# Funny things your kids have blurted out...



## Michael (Dec 22, 2009)

I have a "Daddy day" with my two boys today. I asked them what they wanted for lunch and they both agreed upon pizza--before one quickly clarified: *"But NOT the kind made with love!!"*

That's his way of saying he wants it from a restaurant, not home-made!


----------



## Soonerborn (Dec 22, 2009)

I have a 2 year old who is increasing his vocabulary every day. 

Whenever he does something he knows he shouldn't do, he runs at me, looks me in the eyes, and says (with a big smile), "NO PANK". Translated literally, this means, "NO SPANK"; or translated for its thought, "Please don't spank me". 

It almost works sometimes.


----------



## larryjf (Dec 22, 2009)

When going through the 10 commandments with my 6 year-old daughter i asked...

"Why is it wrong to kill somebody"

Her response...

"Because someone could get hurt"


----------



## SolaScriptura (Dec 22, 2009)

After just over 9 years of being a parent (in those 9 years we've grown to 4 kids with one more on the way...) my ALL TIME FAVORITE humorous line from my kids was during Christmas of '07 when we visited my dad and his wife at their home in KC...

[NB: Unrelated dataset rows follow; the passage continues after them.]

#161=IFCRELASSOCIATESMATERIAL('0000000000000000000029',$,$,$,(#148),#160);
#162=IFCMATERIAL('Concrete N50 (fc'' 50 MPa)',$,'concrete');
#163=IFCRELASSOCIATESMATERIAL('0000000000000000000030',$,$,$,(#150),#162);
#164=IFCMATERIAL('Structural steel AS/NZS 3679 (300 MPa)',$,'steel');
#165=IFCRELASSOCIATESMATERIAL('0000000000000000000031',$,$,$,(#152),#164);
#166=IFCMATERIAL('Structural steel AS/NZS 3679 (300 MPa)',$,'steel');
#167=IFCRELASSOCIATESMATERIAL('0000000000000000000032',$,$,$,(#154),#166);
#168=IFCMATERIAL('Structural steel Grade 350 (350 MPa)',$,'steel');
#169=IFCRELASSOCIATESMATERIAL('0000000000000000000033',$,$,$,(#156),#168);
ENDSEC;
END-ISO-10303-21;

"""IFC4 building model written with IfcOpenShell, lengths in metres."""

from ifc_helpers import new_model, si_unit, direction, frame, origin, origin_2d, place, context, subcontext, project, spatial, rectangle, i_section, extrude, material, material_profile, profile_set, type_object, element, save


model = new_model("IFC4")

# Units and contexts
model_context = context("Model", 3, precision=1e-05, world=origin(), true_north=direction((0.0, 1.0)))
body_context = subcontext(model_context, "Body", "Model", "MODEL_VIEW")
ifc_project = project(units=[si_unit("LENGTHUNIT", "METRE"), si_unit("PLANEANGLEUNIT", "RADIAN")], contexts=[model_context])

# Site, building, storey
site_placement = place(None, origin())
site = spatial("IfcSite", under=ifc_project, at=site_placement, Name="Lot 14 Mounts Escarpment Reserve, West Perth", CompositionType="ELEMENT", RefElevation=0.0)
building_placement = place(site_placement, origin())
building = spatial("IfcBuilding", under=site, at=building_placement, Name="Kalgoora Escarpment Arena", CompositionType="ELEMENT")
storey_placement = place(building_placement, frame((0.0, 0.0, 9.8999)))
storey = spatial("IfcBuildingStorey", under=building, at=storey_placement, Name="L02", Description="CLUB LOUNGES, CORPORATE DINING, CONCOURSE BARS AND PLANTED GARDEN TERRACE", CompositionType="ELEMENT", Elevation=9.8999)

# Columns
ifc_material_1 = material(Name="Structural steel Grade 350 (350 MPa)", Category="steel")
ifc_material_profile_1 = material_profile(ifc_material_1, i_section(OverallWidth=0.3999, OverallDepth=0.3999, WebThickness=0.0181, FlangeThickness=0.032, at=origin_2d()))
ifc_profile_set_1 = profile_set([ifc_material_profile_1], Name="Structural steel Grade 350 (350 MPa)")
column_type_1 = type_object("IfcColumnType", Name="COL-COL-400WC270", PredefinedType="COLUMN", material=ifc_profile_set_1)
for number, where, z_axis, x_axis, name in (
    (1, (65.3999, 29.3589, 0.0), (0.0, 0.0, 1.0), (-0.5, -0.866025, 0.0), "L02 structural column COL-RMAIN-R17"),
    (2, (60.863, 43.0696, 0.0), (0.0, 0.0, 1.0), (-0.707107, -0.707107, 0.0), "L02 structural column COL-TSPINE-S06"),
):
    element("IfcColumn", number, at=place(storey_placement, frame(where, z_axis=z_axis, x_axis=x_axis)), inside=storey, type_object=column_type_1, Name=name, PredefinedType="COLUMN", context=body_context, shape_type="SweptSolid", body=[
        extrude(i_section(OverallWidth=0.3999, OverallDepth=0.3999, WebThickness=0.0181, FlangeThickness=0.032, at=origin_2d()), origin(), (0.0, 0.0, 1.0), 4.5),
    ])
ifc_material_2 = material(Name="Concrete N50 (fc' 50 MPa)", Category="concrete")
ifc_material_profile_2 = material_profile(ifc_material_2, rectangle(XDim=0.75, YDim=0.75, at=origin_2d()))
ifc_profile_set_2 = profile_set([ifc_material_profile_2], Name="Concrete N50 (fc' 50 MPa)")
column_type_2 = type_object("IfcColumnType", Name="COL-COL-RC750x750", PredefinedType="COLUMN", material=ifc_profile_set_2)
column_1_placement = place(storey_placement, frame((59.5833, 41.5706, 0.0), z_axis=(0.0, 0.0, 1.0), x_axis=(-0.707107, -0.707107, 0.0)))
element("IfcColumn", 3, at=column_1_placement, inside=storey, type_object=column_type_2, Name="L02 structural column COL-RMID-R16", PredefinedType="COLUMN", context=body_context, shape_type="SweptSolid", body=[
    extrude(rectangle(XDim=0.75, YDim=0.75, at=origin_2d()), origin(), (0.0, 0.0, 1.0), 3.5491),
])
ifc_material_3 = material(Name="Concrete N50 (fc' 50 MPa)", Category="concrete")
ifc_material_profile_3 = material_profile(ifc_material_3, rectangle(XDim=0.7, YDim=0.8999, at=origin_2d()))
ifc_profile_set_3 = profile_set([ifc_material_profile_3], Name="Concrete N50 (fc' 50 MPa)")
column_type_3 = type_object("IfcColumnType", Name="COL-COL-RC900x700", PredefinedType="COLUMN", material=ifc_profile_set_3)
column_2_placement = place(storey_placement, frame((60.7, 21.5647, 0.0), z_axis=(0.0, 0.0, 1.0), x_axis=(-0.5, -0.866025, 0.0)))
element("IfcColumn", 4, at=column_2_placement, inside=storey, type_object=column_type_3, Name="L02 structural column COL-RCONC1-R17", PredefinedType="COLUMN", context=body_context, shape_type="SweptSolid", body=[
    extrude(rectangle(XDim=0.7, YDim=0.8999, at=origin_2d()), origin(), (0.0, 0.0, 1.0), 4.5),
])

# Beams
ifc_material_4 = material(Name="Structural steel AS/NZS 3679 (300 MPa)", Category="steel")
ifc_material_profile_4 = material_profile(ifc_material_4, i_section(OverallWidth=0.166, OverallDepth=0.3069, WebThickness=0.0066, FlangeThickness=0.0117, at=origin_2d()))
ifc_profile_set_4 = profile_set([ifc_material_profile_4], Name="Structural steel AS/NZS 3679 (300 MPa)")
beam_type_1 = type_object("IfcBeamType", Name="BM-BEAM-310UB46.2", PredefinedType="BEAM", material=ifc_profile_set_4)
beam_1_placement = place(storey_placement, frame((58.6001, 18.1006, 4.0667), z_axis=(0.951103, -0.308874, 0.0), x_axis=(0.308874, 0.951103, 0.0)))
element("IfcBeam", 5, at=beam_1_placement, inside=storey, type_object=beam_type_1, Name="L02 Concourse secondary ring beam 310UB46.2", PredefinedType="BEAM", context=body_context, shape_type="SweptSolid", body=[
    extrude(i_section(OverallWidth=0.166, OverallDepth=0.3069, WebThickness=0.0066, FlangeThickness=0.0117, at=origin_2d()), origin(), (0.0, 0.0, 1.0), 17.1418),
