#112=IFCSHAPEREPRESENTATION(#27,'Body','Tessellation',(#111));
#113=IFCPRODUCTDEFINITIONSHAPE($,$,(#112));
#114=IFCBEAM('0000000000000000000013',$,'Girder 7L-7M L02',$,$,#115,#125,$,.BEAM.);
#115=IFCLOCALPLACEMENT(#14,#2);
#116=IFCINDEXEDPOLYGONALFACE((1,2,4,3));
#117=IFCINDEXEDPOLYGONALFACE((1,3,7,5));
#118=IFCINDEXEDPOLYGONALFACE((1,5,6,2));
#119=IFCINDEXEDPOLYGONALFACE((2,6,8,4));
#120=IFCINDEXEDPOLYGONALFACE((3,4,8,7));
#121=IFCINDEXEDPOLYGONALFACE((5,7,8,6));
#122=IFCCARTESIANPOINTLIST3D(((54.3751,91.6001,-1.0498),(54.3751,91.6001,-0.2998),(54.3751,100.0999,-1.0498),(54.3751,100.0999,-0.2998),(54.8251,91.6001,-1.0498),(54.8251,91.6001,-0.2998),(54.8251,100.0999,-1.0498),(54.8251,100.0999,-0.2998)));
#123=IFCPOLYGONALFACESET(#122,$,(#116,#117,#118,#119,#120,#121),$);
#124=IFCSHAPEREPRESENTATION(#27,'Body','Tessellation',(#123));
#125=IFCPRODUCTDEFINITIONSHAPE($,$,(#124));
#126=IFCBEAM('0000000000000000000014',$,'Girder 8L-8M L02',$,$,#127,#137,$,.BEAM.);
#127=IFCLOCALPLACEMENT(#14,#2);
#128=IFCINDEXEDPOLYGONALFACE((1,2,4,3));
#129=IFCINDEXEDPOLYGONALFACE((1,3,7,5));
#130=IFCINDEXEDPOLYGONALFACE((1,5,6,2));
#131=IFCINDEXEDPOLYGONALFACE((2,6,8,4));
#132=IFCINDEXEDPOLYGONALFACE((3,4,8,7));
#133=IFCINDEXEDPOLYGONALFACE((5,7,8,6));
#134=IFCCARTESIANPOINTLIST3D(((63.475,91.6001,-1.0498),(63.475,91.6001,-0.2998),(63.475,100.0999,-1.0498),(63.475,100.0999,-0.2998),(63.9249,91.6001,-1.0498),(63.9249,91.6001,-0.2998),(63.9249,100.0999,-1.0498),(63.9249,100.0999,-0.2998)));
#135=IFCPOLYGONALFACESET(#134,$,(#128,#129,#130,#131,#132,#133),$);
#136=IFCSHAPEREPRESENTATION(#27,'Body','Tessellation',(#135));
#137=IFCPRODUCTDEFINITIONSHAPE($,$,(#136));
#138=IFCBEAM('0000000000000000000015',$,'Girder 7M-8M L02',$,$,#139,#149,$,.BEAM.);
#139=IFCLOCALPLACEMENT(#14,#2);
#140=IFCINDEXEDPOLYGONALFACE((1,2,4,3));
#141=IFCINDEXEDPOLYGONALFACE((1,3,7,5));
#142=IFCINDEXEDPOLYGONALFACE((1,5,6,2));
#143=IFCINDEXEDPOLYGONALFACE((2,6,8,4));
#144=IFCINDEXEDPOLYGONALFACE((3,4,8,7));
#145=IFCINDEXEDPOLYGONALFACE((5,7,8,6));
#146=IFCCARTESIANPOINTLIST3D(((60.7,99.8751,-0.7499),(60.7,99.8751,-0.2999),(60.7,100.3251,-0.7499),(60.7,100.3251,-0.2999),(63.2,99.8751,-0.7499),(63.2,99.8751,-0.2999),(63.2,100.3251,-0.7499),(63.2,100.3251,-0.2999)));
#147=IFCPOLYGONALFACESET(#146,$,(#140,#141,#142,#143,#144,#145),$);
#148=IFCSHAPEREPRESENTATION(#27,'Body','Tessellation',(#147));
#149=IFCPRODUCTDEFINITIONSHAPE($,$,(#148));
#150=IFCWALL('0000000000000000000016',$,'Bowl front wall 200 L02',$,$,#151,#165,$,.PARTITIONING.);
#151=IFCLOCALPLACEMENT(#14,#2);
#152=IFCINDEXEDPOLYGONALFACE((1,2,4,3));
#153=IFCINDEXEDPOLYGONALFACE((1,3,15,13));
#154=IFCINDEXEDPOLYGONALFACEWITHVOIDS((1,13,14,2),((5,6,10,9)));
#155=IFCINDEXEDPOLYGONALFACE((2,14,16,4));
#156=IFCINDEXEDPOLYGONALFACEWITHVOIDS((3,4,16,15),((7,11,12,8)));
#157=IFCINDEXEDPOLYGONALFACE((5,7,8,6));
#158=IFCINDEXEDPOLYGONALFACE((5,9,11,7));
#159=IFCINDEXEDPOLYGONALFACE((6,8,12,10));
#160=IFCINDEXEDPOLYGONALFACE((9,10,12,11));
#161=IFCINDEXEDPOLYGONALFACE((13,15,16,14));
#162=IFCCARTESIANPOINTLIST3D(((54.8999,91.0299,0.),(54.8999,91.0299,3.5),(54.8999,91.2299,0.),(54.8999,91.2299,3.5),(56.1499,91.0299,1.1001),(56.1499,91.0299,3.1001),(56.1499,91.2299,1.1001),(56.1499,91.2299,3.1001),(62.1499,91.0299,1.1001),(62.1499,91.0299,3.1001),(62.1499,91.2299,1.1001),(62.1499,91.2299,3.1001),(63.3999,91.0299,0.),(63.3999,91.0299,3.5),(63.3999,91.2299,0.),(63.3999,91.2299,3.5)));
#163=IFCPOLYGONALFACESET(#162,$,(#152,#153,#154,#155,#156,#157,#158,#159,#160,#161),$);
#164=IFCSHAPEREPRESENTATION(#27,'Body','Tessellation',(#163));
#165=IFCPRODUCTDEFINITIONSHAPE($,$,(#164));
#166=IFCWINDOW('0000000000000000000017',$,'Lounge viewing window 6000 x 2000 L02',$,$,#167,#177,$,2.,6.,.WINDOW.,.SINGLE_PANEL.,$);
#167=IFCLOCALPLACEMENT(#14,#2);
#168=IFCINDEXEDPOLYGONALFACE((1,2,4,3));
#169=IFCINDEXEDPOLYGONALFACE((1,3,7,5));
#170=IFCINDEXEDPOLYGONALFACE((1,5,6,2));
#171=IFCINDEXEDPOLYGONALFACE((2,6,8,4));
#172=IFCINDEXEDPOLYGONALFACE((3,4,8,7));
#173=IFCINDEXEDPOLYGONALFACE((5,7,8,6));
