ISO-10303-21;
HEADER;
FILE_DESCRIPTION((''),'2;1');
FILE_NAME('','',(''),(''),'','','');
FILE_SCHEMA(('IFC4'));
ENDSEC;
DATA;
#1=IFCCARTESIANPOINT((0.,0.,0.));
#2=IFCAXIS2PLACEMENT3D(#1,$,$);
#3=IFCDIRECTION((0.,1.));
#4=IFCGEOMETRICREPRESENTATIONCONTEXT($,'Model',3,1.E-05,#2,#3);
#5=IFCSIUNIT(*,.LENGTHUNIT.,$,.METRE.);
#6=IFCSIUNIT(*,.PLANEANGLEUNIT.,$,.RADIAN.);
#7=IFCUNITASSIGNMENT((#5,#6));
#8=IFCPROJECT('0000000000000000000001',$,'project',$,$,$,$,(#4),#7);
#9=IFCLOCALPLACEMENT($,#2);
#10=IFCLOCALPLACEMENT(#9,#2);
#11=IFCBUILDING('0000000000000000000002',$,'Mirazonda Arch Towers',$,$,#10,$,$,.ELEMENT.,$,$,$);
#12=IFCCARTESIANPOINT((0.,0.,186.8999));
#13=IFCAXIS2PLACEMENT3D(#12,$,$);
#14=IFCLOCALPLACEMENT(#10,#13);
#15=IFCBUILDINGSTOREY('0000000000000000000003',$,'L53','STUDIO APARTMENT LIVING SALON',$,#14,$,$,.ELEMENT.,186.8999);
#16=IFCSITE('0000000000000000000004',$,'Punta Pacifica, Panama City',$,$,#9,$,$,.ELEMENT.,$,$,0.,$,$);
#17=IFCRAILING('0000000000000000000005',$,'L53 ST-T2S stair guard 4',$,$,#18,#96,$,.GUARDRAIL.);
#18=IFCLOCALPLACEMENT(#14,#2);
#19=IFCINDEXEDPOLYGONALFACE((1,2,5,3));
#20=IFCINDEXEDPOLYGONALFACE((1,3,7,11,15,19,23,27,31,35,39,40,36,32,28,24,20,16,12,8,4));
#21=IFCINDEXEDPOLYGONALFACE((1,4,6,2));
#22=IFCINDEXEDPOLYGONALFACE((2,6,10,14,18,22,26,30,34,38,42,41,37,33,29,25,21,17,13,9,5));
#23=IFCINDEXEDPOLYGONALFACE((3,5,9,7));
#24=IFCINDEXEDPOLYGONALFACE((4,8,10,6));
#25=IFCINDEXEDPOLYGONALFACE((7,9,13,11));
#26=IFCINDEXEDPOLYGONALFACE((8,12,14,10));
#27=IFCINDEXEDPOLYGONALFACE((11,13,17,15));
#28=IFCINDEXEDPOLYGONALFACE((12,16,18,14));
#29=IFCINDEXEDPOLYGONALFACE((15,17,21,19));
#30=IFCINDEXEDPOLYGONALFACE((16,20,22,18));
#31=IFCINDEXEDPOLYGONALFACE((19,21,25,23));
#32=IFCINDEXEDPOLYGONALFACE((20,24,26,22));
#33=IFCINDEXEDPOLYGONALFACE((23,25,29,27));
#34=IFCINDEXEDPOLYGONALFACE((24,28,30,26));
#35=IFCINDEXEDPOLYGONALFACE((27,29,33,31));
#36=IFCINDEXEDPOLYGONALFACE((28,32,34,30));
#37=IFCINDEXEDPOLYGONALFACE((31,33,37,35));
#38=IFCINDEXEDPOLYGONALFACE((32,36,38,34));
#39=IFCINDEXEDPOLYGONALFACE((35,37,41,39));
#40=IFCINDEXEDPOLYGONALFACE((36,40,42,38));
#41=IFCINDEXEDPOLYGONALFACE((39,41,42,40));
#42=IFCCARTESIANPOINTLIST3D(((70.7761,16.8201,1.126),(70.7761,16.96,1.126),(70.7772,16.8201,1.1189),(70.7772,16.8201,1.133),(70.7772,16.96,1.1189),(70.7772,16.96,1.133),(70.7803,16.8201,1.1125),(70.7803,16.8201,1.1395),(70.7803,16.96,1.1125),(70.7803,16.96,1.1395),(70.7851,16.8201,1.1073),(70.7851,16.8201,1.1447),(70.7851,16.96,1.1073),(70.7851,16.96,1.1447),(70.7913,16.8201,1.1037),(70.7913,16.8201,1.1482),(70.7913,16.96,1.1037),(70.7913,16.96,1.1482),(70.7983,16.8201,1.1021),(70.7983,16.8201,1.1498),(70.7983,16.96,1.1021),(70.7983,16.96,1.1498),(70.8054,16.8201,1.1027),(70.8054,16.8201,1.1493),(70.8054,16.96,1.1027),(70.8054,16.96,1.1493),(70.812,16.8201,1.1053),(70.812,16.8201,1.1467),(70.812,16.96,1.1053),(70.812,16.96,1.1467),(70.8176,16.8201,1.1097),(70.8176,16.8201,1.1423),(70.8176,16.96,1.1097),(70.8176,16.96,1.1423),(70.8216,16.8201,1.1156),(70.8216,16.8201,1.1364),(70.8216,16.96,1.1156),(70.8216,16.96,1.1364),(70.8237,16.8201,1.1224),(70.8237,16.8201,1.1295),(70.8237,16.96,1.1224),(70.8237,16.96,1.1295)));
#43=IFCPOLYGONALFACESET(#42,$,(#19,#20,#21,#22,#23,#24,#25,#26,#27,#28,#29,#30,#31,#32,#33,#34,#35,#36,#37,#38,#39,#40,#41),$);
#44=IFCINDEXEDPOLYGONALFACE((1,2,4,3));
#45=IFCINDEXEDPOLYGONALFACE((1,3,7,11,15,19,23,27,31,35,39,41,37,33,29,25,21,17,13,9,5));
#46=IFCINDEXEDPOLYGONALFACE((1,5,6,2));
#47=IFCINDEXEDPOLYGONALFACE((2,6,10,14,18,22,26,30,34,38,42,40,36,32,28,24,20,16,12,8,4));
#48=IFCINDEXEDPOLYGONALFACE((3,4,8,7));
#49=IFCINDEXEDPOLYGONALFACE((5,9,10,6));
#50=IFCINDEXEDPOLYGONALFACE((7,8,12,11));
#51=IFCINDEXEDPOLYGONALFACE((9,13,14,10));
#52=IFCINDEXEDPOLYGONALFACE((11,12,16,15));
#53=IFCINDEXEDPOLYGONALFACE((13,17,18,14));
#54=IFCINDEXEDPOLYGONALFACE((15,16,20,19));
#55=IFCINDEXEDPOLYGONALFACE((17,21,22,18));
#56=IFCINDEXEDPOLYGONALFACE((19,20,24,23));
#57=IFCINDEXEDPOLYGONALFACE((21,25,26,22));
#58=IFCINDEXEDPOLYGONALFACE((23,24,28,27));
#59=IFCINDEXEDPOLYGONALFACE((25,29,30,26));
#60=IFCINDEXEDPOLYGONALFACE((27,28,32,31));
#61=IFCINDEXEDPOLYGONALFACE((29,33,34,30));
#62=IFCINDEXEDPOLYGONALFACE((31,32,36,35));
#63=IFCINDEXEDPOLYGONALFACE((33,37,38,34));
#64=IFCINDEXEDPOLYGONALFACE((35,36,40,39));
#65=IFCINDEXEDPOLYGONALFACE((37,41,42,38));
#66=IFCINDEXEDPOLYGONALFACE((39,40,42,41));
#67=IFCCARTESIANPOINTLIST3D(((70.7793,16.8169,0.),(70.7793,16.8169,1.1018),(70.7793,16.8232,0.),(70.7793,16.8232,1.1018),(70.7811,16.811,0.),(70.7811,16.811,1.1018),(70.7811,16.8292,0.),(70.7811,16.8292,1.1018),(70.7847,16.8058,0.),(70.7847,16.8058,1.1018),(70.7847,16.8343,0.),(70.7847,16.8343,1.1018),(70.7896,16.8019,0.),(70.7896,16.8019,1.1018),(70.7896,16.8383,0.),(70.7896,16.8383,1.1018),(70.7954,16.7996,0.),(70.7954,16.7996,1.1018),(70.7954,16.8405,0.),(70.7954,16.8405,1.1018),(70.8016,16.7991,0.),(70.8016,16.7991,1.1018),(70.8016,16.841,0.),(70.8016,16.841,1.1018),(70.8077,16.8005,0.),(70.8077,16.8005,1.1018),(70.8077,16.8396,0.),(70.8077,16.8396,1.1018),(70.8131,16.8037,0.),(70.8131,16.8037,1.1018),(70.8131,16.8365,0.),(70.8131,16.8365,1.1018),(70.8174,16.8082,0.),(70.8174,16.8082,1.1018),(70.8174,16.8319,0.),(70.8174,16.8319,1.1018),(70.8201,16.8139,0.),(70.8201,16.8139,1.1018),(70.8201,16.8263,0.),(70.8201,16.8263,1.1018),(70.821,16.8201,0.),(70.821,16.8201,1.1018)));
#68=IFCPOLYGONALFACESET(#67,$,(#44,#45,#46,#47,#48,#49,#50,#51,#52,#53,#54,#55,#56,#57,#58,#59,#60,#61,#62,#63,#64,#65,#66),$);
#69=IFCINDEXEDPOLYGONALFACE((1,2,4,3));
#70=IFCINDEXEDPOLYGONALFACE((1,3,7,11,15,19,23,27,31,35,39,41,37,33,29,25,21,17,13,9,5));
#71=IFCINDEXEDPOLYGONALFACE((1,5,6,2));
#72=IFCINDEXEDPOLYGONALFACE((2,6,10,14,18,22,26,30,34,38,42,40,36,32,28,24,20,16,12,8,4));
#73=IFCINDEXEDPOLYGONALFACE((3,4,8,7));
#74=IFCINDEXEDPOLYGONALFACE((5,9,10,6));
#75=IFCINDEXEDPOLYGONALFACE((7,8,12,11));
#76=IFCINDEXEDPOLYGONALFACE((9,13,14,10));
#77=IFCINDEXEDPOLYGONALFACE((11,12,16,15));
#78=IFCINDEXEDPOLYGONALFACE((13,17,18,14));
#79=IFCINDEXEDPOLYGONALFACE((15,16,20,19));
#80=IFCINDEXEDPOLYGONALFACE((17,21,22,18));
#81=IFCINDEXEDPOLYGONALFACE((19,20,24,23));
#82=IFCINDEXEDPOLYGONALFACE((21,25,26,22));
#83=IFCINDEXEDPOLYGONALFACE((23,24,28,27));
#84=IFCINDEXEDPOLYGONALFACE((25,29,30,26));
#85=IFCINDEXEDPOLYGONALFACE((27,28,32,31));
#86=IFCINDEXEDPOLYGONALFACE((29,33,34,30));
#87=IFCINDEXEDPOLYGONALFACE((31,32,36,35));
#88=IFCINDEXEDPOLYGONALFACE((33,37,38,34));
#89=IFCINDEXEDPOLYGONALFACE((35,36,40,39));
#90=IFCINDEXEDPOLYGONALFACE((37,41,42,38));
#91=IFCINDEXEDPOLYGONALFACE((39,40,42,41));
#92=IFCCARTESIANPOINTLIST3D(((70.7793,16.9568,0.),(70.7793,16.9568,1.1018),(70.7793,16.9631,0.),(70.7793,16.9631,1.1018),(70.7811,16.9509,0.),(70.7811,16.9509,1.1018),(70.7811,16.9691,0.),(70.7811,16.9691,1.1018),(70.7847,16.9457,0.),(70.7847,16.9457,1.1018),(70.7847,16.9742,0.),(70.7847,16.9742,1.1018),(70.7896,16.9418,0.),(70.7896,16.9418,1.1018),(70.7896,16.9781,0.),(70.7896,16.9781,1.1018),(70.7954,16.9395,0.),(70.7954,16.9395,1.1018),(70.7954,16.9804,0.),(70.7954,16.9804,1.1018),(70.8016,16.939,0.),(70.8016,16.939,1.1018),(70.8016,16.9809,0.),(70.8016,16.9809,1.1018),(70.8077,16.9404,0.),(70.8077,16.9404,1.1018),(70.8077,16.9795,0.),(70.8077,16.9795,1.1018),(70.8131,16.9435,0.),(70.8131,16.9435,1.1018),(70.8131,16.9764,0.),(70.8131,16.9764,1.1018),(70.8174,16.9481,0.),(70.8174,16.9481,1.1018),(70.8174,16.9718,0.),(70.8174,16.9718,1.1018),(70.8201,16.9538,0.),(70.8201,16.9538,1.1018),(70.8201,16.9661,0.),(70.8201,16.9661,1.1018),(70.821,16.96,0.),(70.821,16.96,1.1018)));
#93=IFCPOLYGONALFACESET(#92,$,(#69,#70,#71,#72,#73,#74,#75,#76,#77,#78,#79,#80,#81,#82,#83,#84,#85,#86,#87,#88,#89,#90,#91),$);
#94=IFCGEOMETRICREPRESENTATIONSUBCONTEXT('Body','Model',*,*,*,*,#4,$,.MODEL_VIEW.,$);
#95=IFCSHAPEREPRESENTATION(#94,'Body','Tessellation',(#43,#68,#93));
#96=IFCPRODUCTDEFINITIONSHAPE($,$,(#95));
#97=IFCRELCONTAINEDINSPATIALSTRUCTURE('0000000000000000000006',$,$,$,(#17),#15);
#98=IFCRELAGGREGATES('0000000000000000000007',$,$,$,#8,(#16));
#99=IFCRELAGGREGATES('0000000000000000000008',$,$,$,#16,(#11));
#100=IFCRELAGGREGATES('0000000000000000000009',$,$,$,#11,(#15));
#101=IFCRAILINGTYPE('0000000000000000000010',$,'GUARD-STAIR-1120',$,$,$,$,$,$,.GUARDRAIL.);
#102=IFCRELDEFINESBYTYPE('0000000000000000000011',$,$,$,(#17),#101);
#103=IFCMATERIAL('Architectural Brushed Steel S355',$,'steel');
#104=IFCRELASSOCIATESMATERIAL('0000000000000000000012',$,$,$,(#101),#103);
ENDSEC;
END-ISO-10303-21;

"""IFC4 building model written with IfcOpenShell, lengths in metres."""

from ifc_helpers import new_model, si_unit, direction, frame, origin, origin_2d, place, context, subcontext, project, spatial, circle, extrude, material, type_object, element, save


model = new_model("IFC4")

# Units and contexts
model_context = context("Model", 3, precision=1e-05, world=origin(), true_north=direction((0.0, 1.0)))
body_context = subcontext(model_context, "Body", "Model", "MODEL_VIEW")
ifc_project = project(units=[si_unit("LENGTHUNIT", "METRE"), si_unit("PLANEANGLEUNIT", "RADIAN")], contexts=[model_context])

# Site, building, storey
site_placement = place(None, origin())
site = spatial("IfcSite", under=ifc_project, at=site_placement, Name="Punta Pacifica, Panama City", CompositionType="ELEMENT", RefElevation=0.0)
building_placement = place(site_placement, origin())
building = spatial("IfcBuilding", under=site, at=building_placement, Name="Mirazonda Arch Towers", CompositionType="ELEMENT")
storey_placement = place(building_placement, frame((0.0, 0.0, 186.8999)))
storey = spatial("IfcBuildingStorey", under=building, at=storey_placement, Name="L53", Description="STUDIO APARTMENT LIVING SALON", CompositionType="ELEMENT", Elevation=186.8999)

# Railing
ifc_material_1 = material(Name="Architectural Brushed Steel S355", Category="steel")
railing_type_1 = type_object("IfcRailingType", Name="GUARD-STAIR-1120", PredefinedType="GUARDRAIL", material=ifc_material_1)
railing_1_placement = place(storey_placement, frame((70.8, 16.8201, 0.0)))
element("IfcRailing", 1, at=railing_1_placement, inside=storey, type_object=railing_type_1, Name="L53 ST-T2S stair guard 4", PredefinedType="GUARDRAIL", context=body_context, shape_type="SweptSolid", body=[
    extrude(circle(Radius=0.0239, at=origin_2d()), frame((0.0, 0.0, 1.126), z_axis=(0.0, 1.0, 0.0), x_axis=(-1.0, 0.0, 0.0)), (0.0, 0.0, 1.0), 0.1399),
    extrude(circle(Radius=0.021, at=origin_2d()), origin(), (0.0, 0.0, 1.0), 1.1018),
    extrude(circle(Radius=0.021, at=origin_2d()), frame((0.0, 0.1399, 0.0)), (0.0, 0.0, 1.0), 1.1018),
])

save(model, "model.ifc")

We walk in and stand in amazement at their 10 ft tall Christmas tree that is so lit up that I can practically feel heat emanating from it. (Seriously - he puts on 9 25ft strands of C7 sized bulbs and 5 strands of the multi-colored mini-lights.) Under the tree my dad has not yet placed any gifts, BUT... there is a very large nativity scene with ceramic hand painted figurines. And the little baby Jesus is lying in the manger. 
My son Daniel gets a positively mortified look on his face, points at the nativity display like he's pointing at a criminal in a lineup, and in a completely horrified tone exclaims, "IDOLS!" Needless to say my dad and his new wife were not impressed.

But I was! 

HA HA HA!!!


----------



## SolaScriptura (Dec 22, 2009)

Joshua said:


> SolaScriptura said:
> 
> 
> > My son Daniel gets a positively mortified look on his face, points at the nativity display like he's pointing at a criminal in a lineup, and in a completely horrified tone exclaims, "IDOLS!"
> ...



It was, it really was. I still remember the few seconds after he cried out, "IDOLS!" HA HA HA... My dad's wife looks at him with a "what kind of family of freaks is this?" expression... My dad looks at me and my wife with a "what kind of rude behavior are you teaching this boy?" look... My wife is stumbling over shoes and coats to get to Daniel because he's frozen there with that hilarious look and he's still pointing, and I'm about peeing myself laughing so hard. PRICELESS! I hope that if I get alzheimers that this is one of the last memories to go.


----------



## TimV (Dec 22, 2009)

*Daddy, I peed*. And I looked down, and the floor under the pew was wet. I couldn't control my laughter even though it was the middle of the service.


----------



## Mushroom (Dec 22, 2009)

One of my daughters has a ... _unique_ perspective on things, and so will say things that are a little different. We've come to call them Leahisms. Mindy has a list of them. My favorite was once, as I was helping her climb out of the van, she looked around inquisitively, looked at me, and asked, "Daddy, is this now?"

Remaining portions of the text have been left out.